Second, despite the fact that the inclusion criteria applied in this versus older reviews resulted in relatively homogeneous examination methodologies, the residual variation in the periodontal examination methods used among the reviewed studies must be recognized. Important differences relate to full- vs. half-mouth examination protocols, the varying number of periodontal sites assessed per tooth and/or per mouth, and the types of periodontal probing devices used. These differences should be considered before making definitive inferences based on any specific between-population comparisons that may be of interest to the reader.
Third, this review does not address periodontitis incidence. It is often tempting to speculate about population incidence (number of new cases per time period) patterns based on the observed prevalence patterns. However, because prevalence is a function of both incidence and disease duration (26), prevalence does not directly reflect incidence patterns and can be misleading in some situations. For example, assume the age-standardized prevalence of periodontitis to be equal in populations A & B, but with the treatment standards in population A favoring more aggressive tooth extraction practices among periodontitis patients. In this case, the observed prevalence in population A is lower than what would have been observed if tooth extractions were equally likely in population A vs. B (i.e., more teeth with periodontitis in population A were extracted and therefore unavailable for recording in epidemiological studies). Therefore, as pointed out by Hennekens and Buring (26), “a change in prevalence from one time period to another may be the result of changes in incidence rates, changes in the duration of disease, or both”. Importantly, the same is true for between-study variations in disease prevalence.
Concluding remarks
In the present review, we have sacrificed quantity for comparability and observed that the prevalence of periodontitis has considerable international variation. Nevertheless, it remains difficult to make conclusive statements about the global periodontitis prevalence due to an overall dearth of studies reporting comparable estimates. We have summarized only 21 studies, only a few of which are from Asia and none of which are from Africa – two continents that contain much of the global population. Therefore, while there is evidence of increasing standardization in the reporting of periodontitis prevalence estimates, more standardization is needed before comprehensive global comparisons can be made. A decade after the introduction of the current system of Classification of Periodontal Diseases and Conditions, it is apparent that an accurate estimate of prevalence of the currently recognized major diagnostic forms of periodontitis is not feasible.
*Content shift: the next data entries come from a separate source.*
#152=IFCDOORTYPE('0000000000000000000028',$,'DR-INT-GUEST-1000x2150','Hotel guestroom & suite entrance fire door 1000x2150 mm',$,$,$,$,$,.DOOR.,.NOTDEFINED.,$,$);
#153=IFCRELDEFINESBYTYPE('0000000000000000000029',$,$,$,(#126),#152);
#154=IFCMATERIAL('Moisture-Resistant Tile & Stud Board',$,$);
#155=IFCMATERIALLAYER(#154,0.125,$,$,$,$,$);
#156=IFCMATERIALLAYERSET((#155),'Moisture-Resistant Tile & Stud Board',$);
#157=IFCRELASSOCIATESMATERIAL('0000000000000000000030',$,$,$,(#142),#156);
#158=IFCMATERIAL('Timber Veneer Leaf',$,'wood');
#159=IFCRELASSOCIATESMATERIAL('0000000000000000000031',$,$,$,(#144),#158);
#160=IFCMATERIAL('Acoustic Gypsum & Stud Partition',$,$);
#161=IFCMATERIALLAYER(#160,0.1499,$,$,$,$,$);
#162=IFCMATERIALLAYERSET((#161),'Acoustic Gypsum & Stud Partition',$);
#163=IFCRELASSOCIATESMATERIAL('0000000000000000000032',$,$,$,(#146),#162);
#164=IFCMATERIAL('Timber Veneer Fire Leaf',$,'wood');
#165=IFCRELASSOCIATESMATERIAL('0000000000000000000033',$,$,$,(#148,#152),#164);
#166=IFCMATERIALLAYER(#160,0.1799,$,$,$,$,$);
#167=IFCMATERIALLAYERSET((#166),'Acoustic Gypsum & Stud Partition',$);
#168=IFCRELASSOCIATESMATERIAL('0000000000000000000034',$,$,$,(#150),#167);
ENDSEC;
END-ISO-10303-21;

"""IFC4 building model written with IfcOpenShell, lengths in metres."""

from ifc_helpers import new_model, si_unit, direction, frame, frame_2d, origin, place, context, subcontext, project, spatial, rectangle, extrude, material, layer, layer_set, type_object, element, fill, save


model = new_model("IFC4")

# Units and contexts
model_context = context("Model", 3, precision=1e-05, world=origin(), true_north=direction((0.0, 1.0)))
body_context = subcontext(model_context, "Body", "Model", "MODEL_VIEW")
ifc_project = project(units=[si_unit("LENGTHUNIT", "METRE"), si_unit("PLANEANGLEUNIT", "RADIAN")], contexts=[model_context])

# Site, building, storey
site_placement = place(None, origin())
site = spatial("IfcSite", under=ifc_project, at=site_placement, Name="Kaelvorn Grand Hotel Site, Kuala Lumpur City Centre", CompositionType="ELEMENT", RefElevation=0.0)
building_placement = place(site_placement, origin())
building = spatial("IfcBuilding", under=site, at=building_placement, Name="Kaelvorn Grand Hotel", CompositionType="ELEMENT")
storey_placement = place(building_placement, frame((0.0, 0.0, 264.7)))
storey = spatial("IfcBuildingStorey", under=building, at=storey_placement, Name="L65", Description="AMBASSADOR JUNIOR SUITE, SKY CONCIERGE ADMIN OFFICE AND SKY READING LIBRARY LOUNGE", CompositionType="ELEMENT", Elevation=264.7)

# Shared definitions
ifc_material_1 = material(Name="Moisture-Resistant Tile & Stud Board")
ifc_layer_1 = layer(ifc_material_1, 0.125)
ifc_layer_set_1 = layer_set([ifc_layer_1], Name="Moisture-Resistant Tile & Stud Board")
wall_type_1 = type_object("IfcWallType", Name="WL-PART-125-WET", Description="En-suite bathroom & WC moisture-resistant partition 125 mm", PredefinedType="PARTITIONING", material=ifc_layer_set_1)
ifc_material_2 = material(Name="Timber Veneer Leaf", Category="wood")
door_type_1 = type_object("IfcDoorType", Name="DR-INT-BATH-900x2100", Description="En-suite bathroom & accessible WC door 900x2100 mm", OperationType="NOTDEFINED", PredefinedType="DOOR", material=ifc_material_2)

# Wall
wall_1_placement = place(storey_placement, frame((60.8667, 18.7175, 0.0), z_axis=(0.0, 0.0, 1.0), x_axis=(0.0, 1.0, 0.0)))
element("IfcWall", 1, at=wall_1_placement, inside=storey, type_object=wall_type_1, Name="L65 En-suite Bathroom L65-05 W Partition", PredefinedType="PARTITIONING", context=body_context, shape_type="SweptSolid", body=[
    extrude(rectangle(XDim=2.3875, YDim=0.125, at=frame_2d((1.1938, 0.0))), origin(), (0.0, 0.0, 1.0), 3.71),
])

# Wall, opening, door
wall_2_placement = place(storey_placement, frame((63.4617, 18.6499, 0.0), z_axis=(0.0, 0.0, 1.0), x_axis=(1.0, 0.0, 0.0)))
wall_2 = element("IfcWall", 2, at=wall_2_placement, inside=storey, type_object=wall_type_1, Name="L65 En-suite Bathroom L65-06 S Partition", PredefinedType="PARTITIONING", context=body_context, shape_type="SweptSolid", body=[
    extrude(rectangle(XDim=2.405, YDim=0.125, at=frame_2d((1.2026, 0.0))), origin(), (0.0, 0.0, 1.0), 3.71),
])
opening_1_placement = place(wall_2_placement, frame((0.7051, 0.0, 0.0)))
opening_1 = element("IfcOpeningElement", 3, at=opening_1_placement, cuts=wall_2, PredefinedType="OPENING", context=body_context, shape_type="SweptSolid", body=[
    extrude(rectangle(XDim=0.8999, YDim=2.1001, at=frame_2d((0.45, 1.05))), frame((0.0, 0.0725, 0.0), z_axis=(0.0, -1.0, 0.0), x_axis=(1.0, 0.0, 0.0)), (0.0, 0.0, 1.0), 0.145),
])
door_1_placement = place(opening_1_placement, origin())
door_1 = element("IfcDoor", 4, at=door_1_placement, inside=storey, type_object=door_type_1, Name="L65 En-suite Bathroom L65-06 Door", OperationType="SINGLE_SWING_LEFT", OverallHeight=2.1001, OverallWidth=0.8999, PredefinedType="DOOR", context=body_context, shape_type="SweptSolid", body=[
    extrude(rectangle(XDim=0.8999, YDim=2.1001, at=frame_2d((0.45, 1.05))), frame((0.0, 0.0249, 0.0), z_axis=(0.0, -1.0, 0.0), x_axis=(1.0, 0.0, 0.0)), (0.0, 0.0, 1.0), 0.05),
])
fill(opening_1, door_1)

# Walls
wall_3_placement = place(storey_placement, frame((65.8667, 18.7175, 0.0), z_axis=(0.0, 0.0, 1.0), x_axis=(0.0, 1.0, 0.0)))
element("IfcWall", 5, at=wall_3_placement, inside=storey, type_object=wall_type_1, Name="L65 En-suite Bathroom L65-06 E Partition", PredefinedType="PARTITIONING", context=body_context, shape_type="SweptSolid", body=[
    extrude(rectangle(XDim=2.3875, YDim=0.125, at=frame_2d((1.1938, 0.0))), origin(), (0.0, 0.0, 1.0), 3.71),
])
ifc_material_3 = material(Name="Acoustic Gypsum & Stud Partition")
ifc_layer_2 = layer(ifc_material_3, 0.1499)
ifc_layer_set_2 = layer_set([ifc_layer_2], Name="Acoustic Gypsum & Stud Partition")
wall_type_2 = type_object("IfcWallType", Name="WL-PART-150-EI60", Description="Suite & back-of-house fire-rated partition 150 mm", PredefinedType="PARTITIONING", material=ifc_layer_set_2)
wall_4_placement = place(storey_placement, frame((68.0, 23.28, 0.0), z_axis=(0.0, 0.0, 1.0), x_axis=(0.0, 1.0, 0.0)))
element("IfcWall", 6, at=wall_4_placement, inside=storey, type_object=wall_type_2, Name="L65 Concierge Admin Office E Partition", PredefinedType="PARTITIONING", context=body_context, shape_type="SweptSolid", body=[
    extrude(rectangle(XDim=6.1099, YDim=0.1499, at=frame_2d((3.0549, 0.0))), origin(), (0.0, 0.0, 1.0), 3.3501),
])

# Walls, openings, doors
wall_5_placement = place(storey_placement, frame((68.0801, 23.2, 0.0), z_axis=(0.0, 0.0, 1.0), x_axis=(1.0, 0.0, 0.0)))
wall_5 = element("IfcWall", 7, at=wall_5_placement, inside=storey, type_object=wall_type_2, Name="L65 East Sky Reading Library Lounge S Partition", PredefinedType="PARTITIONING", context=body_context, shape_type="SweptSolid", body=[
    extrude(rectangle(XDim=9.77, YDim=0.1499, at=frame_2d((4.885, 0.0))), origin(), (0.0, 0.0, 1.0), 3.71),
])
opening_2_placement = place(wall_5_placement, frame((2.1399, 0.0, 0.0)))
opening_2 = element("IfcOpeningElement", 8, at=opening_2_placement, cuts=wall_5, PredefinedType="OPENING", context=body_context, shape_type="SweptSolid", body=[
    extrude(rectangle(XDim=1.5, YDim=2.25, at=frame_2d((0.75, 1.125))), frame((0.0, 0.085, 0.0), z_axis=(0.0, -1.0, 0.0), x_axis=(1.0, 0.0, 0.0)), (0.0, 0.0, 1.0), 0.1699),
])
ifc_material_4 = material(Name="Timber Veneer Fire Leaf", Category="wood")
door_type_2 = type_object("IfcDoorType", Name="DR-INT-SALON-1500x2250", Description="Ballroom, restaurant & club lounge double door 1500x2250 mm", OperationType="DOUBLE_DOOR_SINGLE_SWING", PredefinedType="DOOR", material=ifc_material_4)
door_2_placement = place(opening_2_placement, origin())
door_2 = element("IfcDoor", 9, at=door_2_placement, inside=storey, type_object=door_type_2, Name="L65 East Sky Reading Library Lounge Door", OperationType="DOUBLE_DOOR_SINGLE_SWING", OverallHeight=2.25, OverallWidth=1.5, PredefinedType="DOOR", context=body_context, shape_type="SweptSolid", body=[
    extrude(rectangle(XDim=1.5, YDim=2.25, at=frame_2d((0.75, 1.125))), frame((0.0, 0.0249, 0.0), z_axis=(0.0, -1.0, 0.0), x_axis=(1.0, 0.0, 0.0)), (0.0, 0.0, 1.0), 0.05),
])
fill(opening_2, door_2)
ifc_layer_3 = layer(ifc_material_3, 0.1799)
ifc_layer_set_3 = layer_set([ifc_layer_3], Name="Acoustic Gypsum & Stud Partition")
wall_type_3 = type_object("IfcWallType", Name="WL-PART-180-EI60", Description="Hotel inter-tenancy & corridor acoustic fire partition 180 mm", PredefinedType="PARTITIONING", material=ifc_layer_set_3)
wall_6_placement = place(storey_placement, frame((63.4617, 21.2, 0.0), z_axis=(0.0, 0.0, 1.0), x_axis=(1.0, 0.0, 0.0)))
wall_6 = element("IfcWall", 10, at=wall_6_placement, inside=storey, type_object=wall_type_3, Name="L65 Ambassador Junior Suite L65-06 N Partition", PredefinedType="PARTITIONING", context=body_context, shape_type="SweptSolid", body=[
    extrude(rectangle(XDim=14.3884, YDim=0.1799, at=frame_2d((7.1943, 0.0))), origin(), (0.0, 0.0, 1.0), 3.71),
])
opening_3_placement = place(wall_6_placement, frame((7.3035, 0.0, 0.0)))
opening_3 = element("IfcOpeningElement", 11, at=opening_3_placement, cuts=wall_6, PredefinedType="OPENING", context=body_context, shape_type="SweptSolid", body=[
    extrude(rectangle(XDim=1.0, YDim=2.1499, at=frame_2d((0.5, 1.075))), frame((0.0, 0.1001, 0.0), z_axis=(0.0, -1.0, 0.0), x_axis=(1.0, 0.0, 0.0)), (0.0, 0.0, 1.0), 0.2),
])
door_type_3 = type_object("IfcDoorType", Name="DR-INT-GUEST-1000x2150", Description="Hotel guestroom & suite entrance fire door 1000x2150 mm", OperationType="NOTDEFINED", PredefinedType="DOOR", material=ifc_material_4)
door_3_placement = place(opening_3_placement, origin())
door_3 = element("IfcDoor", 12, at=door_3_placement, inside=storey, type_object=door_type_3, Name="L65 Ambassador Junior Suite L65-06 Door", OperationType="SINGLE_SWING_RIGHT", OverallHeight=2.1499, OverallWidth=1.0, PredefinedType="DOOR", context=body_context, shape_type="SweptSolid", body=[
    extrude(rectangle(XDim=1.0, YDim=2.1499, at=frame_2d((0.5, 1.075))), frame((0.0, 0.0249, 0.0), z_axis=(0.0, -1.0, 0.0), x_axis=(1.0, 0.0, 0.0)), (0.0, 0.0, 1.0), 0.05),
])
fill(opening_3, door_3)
As discussed above, the defined primary features of the two diseases do not facilitate a distinction between them in epidemiologic studies. Thus, while more research is clearly needed before an evidence/biology-based convergence on periodontitis definitions can emerge, adoption of additional criteria is essential to facilitate differential diagnosis in epidemiologic studies and accurate assessment of secular trends. Over the past few years, a number of definitions for descriptive epidemiologic studies of ‘periodontitis’ as a single disease entity have emerged, such as the joint CDC/AAP definition as well as clinical attachment loss extent measures at specific severity thresholds (incipient, moderate, advanced). It is essential for future epidemiologic studies of periodontitis to provide data on attachment loss and inflammatory status with sufficient detail and in a standardized manner so that more complex ‘case’ definitions can be easily constructed and applied to nationally representative datasets.
Acknowledgments
This work was supported by grants K99 DE-018739 (R.T.D) and DE015649 (P.N.P) and a CTSA Award RR025158.